Über Unterschiede zwischen Migrantinnen resp. Frauen mit Migrationshintergrund und einheimischen, nicht zugewanderten Frauen in wichtigen perinatalen Versorgungsparametern, wie z. B. der Sectiorate, wurde in einer Reihe von Arbeiten berichtet: Migrationsstress, Auflösung bestehender sozialer Netzwerke aufgrund der Migration oder mit zunehmender Akkulturation, niedriger sozialer Status, schlechter Zugang zum Gesundheitssystem, Diskriminierung im Versorgungssystem können jeweils allein oder in Kombination mögliche Ursachen für Unterschiede in Sectioraten und perinatalen Ergebnisdaten bei Migrantinnen sein (z. B. [9], [10]).

Ein systematisches Literaturreview zu internationaler Migration und Kaiserschnittentbindung stellt in 60% der analysierten Studien Unterschiede bei der Kaiserschnittrate zwischen Immigrantinnen und einheimischen Frauen fest, weist aber darauf hin, dass die Datenlage nicht ausreicht, um Unterschiede angemessen zu erklären [12]. Als Risikofaktoren für Kaiserschnittentbindungen bei Migrantinnen werden häufig Sprach- und Kommunikationsprobleme, niedriger sozioökonomischer Status, schlechte mütterliche Gesundheit, Übergewicht, kephalopelvines Missverhältnis und unzureichende Schwangerenvorsorge genannt, während protektive Faktoren den sog. Healthy Migrant Effect, die Bevorzugung einer vaginalen Geburt, einen gesünderen Lebensstil sowie ein jüngeres Lebensalter der Mütter bei der 1. Geburt umfassen [9], [10], [11], [13].

Aus klinischer Sicht sollten nach Adjustierung hinsichtlich soziodemografischer und prädisponierender Faktoren die Notsectioraten zwischen Migrantinnen und Nichtmigrantinnen nicht differieren.

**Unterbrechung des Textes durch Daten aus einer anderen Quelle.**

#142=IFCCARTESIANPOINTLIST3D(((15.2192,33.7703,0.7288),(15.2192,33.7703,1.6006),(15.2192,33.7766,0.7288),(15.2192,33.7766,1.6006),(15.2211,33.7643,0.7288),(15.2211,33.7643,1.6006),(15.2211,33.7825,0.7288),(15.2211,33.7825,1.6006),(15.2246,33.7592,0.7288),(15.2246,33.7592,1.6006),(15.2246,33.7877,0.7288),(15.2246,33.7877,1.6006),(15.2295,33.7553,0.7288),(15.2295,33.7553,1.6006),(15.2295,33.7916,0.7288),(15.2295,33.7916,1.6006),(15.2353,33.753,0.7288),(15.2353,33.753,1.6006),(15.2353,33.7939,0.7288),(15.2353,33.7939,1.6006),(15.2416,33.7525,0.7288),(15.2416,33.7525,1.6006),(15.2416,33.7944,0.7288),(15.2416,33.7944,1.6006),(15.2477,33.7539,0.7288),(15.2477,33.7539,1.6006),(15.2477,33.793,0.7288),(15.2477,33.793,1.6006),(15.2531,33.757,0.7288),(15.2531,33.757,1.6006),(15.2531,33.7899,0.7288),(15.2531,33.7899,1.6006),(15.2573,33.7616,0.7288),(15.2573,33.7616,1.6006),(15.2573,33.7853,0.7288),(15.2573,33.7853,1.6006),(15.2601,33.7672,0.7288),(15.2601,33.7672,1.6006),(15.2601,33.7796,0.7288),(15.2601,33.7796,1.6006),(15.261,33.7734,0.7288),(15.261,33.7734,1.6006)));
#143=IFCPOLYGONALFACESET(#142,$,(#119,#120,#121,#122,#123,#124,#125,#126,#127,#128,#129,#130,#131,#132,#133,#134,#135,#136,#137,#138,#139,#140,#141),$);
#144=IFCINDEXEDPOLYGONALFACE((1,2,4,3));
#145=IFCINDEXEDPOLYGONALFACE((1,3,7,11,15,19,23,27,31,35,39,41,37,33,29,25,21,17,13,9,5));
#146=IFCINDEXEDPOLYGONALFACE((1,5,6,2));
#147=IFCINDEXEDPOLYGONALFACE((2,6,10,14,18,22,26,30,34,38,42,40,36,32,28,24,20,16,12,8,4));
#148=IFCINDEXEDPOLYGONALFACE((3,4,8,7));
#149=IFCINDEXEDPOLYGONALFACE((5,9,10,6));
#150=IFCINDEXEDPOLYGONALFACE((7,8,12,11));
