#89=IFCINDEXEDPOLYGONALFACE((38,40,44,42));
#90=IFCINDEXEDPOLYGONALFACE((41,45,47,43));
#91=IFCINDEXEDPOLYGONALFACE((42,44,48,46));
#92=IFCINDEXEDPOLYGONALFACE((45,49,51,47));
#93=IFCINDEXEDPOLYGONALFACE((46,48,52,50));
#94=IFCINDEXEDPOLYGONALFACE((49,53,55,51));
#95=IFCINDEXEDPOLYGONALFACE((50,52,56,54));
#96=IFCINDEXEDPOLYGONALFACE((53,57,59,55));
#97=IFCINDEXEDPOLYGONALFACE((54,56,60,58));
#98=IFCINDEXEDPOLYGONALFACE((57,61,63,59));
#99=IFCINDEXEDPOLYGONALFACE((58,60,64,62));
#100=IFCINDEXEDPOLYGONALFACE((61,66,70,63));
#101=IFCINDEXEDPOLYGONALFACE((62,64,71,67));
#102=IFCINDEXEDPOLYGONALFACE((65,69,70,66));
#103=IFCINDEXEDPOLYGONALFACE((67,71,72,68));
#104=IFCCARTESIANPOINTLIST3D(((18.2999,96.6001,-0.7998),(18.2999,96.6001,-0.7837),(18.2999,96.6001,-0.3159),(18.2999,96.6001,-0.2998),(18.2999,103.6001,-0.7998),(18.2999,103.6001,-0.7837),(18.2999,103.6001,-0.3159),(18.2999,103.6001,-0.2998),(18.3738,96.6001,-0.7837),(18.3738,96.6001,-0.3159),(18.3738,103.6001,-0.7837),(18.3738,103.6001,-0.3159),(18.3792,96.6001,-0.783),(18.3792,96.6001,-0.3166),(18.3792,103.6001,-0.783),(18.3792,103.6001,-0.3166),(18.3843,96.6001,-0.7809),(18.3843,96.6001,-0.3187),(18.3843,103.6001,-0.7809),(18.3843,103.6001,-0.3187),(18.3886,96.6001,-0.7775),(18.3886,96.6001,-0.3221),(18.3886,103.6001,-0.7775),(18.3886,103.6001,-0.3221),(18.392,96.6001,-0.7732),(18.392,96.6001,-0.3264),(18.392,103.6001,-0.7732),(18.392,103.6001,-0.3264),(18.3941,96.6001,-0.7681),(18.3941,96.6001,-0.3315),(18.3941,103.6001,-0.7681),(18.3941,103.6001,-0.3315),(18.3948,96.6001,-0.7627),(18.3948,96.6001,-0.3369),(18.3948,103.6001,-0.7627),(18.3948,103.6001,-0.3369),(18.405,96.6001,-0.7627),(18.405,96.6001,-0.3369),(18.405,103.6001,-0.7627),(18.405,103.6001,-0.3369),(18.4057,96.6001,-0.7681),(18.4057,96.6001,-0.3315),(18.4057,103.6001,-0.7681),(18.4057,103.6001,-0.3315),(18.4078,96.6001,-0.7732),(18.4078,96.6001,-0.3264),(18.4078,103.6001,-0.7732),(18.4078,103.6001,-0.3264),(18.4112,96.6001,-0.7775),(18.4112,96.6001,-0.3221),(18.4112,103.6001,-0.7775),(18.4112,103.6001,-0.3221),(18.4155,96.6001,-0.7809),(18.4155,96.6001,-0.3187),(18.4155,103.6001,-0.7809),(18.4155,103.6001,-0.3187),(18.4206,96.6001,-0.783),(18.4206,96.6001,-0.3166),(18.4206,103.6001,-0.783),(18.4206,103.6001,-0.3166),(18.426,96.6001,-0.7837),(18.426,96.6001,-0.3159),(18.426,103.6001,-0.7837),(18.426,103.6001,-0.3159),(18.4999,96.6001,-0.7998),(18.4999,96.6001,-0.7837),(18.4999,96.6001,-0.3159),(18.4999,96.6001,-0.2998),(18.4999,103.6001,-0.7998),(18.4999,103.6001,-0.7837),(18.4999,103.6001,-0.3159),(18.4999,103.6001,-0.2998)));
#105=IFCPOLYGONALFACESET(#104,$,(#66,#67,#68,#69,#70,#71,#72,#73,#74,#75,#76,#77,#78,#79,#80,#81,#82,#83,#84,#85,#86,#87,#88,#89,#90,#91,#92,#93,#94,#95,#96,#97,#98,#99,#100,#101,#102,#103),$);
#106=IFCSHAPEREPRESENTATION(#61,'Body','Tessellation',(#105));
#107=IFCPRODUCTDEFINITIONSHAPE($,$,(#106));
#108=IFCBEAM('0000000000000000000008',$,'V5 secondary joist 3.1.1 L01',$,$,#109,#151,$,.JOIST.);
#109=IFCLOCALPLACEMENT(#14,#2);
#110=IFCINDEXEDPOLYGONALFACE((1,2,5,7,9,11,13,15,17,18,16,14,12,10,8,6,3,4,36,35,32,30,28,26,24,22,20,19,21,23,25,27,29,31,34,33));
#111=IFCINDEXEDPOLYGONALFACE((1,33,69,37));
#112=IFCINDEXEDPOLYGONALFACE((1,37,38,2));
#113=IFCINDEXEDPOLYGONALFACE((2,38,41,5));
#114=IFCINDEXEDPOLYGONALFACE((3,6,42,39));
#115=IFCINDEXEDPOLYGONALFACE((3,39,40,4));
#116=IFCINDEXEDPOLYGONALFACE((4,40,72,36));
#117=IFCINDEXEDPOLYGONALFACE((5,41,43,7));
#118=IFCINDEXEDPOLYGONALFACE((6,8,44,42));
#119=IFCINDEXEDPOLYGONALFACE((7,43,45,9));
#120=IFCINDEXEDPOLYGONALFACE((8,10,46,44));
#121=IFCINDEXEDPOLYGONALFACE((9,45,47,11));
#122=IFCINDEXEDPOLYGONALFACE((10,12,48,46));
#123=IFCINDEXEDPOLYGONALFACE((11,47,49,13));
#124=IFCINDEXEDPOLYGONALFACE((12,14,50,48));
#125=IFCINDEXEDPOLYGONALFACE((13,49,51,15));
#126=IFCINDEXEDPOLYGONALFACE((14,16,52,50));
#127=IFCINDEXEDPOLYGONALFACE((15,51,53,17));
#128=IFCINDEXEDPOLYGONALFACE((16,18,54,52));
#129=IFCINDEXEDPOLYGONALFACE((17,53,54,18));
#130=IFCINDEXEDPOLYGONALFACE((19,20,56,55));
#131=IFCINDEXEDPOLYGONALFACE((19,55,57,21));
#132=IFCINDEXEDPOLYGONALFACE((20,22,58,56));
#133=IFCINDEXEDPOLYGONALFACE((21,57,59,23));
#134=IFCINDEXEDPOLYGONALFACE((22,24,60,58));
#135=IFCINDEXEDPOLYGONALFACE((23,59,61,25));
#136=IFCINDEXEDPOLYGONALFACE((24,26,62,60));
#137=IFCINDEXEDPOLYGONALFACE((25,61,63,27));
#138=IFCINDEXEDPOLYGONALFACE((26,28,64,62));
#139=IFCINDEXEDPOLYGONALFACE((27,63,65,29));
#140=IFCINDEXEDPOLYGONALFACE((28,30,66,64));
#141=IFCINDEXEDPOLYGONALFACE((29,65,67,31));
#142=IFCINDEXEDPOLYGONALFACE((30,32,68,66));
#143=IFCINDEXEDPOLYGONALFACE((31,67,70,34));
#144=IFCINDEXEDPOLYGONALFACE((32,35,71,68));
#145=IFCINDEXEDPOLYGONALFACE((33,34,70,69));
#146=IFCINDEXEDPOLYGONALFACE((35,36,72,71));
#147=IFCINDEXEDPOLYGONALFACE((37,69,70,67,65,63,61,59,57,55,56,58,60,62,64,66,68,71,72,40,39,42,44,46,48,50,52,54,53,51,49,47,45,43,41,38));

In den letzten 20 Jahren sind nach unserer Kenntnis in Deutschland wie auch insgesamt in Europa keine großen Studien durchgeführt worden, die sich auf der Grundlage prospektiv erhobener Daten mit der Frage beschäftigt haben, ob Migrations- oder andere soziodemografische Faktoren mit einer Notsectio assoziiert sind.

Folgende Fragen sollten mit der vorliegenden Studie beantwortet werden:

  1. Unterscheiden sich Häufigkeit und/oder Indikationsstellung für eine Notsectio in Abhängigkeit davon, ob bei der Schwangeren ein Migrationshintergrund vorliegt?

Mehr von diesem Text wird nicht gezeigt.